This is all very well for those who can afford Grey's services - and they don't come cheap - but what about the rest of us, limping along with kitchens that have about as much X factor as a bad episode of the X- Files? "The best idea is not to be too ambitious. You can get by with relatively little counter-space. Spend your money on a good sink, a free-standing stove and a good preparation area. Beg, borrow and steal the rest." He also allows that mass-manufactured kitchens have come a long way and that the "lower end of the market is relatively well served now". If you do have your heart set on a Johnny Grey kitchen, you could always go along to the two-day course he is holding at the Ballymaloe Cookery School in June, where he will give hints on transforming your kitchen. As for Grey himself, he has a busy schedule ahead.
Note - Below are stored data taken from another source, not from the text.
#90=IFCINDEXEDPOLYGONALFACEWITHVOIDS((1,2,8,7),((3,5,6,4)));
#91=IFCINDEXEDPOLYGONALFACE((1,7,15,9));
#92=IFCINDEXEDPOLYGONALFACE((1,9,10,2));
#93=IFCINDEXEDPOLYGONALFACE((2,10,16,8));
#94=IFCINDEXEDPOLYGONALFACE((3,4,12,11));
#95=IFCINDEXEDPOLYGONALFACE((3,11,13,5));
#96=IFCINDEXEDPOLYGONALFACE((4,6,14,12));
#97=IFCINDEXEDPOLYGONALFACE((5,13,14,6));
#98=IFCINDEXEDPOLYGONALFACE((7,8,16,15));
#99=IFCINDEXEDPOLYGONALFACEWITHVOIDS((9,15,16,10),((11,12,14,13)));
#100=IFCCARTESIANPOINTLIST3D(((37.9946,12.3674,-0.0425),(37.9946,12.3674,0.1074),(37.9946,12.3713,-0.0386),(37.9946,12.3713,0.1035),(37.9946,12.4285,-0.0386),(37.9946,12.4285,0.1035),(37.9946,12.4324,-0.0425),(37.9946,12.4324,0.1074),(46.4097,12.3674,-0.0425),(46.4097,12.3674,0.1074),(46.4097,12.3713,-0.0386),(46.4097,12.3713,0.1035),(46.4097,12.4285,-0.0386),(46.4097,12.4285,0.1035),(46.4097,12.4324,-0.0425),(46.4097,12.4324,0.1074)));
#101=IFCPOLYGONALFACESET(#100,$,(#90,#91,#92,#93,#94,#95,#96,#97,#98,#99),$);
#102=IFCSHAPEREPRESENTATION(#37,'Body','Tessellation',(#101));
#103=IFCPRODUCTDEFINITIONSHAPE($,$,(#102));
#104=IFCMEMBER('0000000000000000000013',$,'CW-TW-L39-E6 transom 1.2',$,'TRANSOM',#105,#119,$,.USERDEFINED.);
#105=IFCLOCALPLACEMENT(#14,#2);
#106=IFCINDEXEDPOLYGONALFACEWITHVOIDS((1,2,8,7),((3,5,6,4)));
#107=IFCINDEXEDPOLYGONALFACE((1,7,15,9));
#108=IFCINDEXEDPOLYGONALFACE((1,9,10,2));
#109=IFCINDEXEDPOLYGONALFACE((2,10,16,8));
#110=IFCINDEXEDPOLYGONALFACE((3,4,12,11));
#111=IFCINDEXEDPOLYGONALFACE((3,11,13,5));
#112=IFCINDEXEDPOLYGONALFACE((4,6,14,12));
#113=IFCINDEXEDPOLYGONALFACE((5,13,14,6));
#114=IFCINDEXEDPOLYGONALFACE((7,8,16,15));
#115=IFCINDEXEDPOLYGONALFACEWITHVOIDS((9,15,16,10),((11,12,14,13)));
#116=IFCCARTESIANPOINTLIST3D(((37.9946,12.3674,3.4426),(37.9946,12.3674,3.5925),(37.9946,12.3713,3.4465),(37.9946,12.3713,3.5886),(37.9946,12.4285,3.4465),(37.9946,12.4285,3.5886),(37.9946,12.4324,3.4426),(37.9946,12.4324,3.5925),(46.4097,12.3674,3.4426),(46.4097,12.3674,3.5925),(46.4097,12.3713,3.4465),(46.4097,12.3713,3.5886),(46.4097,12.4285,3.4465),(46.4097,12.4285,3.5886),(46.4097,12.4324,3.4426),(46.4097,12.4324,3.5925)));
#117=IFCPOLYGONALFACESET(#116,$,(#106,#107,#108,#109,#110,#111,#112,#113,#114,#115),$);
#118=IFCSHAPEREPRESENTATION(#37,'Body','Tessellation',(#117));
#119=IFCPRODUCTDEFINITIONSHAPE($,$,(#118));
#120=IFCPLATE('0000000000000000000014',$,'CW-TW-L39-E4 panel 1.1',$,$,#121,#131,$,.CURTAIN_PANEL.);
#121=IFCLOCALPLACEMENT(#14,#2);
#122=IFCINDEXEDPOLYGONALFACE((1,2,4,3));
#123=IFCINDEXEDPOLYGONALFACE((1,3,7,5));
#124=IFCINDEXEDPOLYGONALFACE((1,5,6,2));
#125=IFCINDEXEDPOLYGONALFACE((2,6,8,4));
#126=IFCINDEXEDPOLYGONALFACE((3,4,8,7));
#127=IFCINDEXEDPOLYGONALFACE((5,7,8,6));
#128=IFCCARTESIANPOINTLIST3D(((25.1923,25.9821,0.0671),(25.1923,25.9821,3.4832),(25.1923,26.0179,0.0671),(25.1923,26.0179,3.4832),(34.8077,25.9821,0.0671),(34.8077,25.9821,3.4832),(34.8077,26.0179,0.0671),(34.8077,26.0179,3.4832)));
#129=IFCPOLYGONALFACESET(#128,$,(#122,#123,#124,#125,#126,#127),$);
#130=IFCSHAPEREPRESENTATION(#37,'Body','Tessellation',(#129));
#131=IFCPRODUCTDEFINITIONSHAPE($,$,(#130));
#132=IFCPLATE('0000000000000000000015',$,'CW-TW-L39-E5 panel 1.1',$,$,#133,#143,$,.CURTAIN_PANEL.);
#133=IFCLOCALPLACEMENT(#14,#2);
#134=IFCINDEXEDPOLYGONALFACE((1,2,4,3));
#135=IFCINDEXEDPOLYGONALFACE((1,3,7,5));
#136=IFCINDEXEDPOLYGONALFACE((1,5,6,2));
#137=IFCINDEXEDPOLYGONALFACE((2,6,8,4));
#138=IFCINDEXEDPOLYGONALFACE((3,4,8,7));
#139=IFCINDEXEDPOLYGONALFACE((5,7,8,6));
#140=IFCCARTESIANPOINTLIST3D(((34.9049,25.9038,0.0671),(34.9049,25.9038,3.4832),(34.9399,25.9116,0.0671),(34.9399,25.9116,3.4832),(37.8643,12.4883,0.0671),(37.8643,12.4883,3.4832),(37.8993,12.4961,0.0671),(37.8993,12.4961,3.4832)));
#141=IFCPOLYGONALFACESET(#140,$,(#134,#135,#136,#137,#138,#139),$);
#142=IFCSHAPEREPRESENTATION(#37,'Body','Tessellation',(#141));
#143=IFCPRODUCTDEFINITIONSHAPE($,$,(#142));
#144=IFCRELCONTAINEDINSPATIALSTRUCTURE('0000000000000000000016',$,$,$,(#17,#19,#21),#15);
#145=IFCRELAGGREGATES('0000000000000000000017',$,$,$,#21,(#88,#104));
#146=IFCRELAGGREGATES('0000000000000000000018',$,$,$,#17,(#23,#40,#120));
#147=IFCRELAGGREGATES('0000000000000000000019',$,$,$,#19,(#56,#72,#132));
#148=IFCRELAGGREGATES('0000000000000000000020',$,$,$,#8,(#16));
There are intriguing plans for a new range of kitchen products in the US. Grey is working with several different companies to develop a cooker which will roast a chicken in 15 minutes and a fridge which you can access from a laptop or Palm Pilot, to find out which ingredients you need for a recipe. It will then order them for you on the Web and for delivery. He is in the midst of designing his first restaurant, the Foxtrot Oscar in Battersea, would like to open a school of kitchen design and then of course, there is the traditional business of designing kitchens.

In Ireland, he has commissions in Westport and Rathmines, and he has a booming business in the US. "I'll tell you an interesting thing about the Americans," Grey says with a grin. "The less they cook, the more they need a kitchen. If all they do is re-heat food, they need a huge kitchen to prove that they can actually cook."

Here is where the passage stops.